SOME OF THE WAYS IN WHICH POETS DEAL WITH NATURE.

THOSE who have not given attention to the subject are apt to imagine that the chief creators of mythological fables were the poets, and especially Homer. They suppose that the early poets, by sheer power of imagination, invented those stories to adorn their poems, and so gave them currency among the people. It was not so. Even Homer, the earliest poet whom we know, belonged to an era when the myth-creating instinct was past its prime, and already on the wane. The fables of the gods, their loves and their quarrels, as these appear in his poems, there is no reason to suppose that he created them or imagined them for the first time. It would rather seem that they had been long current in popular belief, and that he only used and gave expression to stories which he found ready-made. Here and there in Homer you may still detect some traces of the mythologizing tendency still lingering, and catch the primitive physical meaning of the myth shining through the anthropomorphic covering which it afterward assumed. Such glimpses we

get in Zeus, when he gathers the clouds in the sky, when he rouses himself to snow upon men and manifests his feathery shafts, when he rains continuously, when he bows the heavens and comes down upon the peaks of Ida. Or again, when Poseidon, the earth-encompassing, the earthshaker, yokes his car at Hegeæ and drives full upon the Trojan strand: I take the passage from Mr. Cordery's translation of the Iliad:

"He entered in,

And there beneath his chariot drew to yoke
Fast-flying horses, maned with flowing gold,
Hooved with bright brass; and girt himself in gold,
Took golden goad, and sprang upon the car;
So forth upon the billows, round whose path
Huge monsters gamboled, gathering from the depth
Afar, anear, and joyous knew their lord;
Ocean for gladness stood in sunder cloven,
Whilst lightly flew the steeds, nor 'neath the car
The burnished axle moistened with the brine :-
Thus tow'rd the fleet his coursers bore the god."
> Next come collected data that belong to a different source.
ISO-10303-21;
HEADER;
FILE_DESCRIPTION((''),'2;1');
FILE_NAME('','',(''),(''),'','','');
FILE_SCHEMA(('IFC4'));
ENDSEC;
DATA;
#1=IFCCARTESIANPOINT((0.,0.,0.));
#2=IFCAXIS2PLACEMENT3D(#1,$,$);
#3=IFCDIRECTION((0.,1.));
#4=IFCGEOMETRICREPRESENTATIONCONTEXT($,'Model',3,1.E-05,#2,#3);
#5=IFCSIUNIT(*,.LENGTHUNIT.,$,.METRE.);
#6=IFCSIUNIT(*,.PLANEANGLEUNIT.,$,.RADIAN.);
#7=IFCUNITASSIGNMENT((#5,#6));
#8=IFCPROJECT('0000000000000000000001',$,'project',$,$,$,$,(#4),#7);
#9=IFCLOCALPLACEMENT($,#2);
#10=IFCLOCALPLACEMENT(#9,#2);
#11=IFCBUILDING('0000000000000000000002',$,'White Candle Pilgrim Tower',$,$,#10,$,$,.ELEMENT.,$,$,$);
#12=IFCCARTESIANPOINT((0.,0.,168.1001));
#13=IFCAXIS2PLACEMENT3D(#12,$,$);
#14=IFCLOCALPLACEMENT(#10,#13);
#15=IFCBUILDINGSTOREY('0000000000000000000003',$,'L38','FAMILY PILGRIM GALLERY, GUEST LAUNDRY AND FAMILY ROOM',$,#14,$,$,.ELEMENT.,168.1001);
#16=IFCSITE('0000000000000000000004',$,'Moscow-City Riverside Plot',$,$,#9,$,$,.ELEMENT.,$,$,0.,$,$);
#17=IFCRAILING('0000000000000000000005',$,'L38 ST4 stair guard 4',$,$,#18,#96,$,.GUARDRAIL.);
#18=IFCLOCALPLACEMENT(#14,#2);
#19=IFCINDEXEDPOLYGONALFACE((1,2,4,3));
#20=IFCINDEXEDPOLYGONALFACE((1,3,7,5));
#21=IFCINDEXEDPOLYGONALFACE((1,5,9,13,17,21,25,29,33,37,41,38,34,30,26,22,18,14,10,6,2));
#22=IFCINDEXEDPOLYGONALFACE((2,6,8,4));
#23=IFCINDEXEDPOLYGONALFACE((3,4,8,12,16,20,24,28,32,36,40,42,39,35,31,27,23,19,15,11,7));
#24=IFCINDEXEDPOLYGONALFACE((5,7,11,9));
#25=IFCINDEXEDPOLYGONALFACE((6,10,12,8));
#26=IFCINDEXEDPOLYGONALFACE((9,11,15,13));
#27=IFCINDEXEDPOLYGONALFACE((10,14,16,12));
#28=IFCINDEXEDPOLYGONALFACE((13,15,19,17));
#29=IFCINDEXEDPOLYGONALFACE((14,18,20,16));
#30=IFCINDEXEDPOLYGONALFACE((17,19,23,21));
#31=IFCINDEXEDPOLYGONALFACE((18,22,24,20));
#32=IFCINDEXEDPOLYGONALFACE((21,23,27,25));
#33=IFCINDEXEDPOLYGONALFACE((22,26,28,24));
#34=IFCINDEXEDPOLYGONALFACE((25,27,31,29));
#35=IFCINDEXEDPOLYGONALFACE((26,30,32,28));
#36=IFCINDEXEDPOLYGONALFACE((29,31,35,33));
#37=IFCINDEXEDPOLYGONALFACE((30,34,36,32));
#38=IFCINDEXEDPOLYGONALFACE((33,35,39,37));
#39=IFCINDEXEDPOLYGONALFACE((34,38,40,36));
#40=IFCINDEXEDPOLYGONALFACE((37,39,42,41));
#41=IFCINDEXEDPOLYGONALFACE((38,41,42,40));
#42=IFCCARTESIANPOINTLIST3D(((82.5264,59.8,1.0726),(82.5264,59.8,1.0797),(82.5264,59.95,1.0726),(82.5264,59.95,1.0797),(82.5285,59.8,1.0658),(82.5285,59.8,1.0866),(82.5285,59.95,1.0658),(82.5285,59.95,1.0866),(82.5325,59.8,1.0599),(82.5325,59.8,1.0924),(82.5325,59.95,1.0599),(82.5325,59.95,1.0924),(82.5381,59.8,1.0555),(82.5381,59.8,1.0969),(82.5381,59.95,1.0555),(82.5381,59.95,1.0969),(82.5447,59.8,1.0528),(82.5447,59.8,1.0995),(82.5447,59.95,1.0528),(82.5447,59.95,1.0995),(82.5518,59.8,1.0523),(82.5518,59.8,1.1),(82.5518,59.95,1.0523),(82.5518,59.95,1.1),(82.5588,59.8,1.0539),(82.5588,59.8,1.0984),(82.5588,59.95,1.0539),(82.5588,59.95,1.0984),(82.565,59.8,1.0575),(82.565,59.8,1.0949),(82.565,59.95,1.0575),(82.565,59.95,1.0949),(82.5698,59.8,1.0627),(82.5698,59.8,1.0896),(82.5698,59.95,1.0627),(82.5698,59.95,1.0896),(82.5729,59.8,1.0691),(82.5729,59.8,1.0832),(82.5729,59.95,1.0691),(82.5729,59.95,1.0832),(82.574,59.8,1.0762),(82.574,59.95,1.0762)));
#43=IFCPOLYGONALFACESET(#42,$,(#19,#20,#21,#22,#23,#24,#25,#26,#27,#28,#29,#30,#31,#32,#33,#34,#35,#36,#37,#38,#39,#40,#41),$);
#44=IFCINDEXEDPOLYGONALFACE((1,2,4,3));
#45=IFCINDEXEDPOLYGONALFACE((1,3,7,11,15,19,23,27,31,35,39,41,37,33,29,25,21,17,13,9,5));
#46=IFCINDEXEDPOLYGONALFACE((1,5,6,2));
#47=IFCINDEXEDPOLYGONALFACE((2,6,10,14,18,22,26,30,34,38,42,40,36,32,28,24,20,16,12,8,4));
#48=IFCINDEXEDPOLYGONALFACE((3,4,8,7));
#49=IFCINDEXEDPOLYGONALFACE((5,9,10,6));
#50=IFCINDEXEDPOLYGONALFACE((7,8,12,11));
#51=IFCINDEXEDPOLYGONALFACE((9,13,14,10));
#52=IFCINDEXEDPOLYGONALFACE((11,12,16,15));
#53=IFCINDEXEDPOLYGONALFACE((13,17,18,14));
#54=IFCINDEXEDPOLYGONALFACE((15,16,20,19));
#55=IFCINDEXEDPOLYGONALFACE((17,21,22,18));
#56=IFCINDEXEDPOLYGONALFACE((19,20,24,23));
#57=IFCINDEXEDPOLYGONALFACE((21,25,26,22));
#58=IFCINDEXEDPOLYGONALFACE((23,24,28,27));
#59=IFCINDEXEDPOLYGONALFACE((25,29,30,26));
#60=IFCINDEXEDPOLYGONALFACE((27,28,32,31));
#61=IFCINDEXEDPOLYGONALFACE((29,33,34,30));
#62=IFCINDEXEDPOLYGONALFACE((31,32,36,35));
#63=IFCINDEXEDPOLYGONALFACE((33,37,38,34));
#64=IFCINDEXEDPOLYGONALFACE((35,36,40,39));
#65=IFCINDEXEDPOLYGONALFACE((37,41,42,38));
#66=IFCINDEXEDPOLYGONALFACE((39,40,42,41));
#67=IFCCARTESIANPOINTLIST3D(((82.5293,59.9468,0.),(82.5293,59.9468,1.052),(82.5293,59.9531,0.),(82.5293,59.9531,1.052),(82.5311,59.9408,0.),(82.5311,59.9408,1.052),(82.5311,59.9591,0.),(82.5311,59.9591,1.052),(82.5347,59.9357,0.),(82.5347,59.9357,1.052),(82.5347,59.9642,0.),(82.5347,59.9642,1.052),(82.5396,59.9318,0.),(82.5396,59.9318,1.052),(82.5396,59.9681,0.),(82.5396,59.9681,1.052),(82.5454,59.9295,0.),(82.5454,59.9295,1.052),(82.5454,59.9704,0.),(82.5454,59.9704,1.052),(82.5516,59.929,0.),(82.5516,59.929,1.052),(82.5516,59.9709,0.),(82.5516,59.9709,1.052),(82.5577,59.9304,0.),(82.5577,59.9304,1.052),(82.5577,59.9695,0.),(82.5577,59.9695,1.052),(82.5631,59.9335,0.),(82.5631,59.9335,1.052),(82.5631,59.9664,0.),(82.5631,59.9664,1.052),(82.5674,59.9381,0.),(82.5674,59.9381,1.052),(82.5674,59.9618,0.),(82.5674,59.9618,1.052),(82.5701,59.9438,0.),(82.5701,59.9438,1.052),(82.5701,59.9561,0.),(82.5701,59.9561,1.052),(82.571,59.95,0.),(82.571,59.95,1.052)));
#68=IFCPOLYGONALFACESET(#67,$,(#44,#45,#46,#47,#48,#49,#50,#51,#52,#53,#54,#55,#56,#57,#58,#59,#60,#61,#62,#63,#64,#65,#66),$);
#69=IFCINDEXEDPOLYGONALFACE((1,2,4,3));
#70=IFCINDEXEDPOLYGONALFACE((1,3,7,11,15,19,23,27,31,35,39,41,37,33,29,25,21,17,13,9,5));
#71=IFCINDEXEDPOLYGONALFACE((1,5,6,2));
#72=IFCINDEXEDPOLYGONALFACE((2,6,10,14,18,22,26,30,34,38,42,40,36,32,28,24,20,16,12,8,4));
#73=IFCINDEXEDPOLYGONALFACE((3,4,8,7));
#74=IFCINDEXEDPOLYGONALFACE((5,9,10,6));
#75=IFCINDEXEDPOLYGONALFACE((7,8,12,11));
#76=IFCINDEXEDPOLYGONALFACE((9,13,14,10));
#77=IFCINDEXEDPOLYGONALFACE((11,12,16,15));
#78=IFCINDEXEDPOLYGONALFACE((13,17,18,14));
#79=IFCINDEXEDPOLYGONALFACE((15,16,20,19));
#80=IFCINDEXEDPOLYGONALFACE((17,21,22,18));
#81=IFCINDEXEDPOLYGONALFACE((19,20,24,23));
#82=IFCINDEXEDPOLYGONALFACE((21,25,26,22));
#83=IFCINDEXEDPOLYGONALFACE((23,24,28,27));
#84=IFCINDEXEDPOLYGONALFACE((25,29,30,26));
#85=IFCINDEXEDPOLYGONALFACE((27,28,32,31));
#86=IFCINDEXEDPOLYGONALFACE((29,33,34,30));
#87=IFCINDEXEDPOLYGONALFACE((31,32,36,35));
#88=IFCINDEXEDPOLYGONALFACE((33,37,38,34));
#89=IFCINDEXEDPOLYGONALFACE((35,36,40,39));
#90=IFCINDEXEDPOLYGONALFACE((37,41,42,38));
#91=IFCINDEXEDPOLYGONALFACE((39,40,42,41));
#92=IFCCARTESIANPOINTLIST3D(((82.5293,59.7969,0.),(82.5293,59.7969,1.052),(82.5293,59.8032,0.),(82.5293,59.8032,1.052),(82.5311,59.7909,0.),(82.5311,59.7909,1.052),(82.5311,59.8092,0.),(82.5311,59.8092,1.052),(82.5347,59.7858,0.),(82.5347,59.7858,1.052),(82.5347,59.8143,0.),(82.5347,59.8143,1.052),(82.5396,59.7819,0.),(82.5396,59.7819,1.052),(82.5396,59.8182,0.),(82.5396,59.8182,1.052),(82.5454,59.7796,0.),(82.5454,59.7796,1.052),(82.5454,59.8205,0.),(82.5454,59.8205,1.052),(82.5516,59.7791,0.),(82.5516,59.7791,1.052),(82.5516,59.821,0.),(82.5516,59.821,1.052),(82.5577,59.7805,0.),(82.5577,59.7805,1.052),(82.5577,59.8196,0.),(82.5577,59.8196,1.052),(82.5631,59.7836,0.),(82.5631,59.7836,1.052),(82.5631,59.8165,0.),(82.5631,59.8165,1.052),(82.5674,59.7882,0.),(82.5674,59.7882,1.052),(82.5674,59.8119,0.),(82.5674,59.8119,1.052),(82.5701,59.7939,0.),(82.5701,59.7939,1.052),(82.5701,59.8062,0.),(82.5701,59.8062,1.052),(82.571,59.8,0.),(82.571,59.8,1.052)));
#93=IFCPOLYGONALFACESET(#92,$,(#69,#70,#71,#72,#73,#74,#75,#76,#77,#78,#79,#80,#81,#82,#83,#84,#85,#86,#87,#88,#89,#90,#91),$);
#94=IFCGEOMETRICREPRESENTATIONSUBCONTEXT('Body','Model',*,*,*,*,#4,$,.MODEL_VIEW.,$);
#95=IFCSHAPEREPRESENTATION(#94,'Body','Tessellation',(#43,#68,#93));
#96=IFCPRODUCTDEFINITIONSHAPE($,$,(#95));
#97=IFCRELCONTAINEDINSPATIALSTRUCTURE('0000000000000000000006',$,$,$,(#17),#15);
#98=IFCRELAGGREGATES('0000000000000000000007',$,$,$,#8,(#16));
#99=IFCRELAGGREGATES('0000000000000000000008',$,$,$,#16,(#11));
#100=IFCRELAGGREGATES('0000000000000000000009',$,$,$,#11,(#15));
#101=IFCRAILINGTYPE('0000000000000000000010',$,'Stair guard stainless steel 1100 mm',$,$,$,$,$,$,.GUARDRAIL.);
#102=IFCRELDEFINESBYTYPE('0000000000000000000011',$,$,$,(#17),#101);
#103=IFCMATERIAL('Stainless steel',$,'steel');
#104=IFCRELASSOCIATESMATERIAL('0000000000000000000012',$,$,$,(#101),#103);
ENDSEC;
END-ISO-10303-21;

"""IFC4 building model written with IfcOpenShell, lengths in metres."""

from ifc_helpers import new_model, si_unit, direction, frame, origin, origin_2d, place, context, subcontext, project, spatial, circle, extrude, material, type_object, element, save


model = new_model("IFC4")

# Units and contexts
model_context = context("Model", 3, precision=1e-05, world=origin(), true_north=direction((0.0, 1.0)))
body_context = subcontext(model_context, "Body", "Model", "MODEL_VIEW")
ifc_project = project(units=[si_unit("LENGTHUNIT", "METRE"), si_unit("PLANEANGLEUNIT", "RADIAN")], contexts=[model_context])

# Site, building, storey
site_placement = place(None, origin())
site = spatial("IfcSite", under=ifc_project, at=site_placement, Name="Moscow-City Riverside Plot", CompositionType="ELEMENT", RefElevation=0.0)
building_placement = place(site_placement, origin())
building = spatial("IfcBuilding", under=site, at=building_placement, Name="White Candle Pilgrim Tower", CompositionType="ELEMENT")
storey_placement = place(building_placement, frame((0.0, 0.0, 168.1001)))
storey = spatial("IfcBuildingStorey", under=building, at=storey_placement, Name="L38", Description="FAMILY PILGRIM GALLERY, GUEST LAUNDRY AND FAMILY ROOM", CompositionType="ELEMENT", Elevation=168.1001)

# Railing
ifc_material_1 = material(Name="Stainless steel", Category="steel")
railing_type_1 = type_object("IfcRailingType", Name="Stair guard stainless steel 1100 mm", PredefinedType="GUARDRAIL", material=ifc_material_1)
railing_1_placement = place(storey_placement, frame((82.55, 59.95, 0.0)))
element("IfcRailing", 1, at=railing_1_placement, inside=storey, type_object=railing_type_1, Name="L38 ST4 stair guard 4", PredefinedType="GUARDRAIL", context=body_context, shape_type="SweptSolid", body=[
    extrude(circle(Radius=0.0239, at=origin_2d()), frame((0.0, 0.0, 1.0762), z_axis=(0.0, -1.0, 0.0), x_axis=(1.0, 0.0, 0.0)), (0.0, 0.0, 1.0), 0.1499),
    extrude(circle(Radius=0.021, at=origin_2d()), origin(), (0.0, 0.0, 1.0), 1.052),
    extrude(circle(Radius=0.021, at=origin_2d()), frame((0.0, -0.1499, 0.0)), (0.0, 0.0, 1.0), 1.052),
])

save(model, "model.ifc")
Here we have, half-physical, half-mythological, like Milton's half-created lion, the fore part perfect, the hinder part still clay, a well-known natural appearance. After the storm-winds are laid, but while the sea still feels their power, it is thus that the high-crested breakers may be seen racing shorewards with their white manes backward streaming, and glorified with rainbow hues from a bright dawn or a splendid sunset poured upon them from the land.

But for the most part, even Homer, early poet though he was, has quite forgotten that original

aspect of Nature out of which each god was shaped, and has invested them with entirely human attributes, even with human follies and vices, which have no connection at all with the primary fact, but are the wildest freaks of extravagant fancy. If then even Homer has so much forgotten the physical origin of his mythic gods, how must it be with the tragic poets! Eschylus and Sophocles we see have entirely put aside the immoral fables about them, and are anxious to find the truth which lies at the root of the popular belief, and to moralize the whole conception of the gods. When we come down to the Latin poets, we do not find even this effort; but the gods they have borrowed from Greece are used as mere poetic machines, with as little of either physical or moral meaning as a modern romance-writer might use fairies, gnomes, or hobgoblins.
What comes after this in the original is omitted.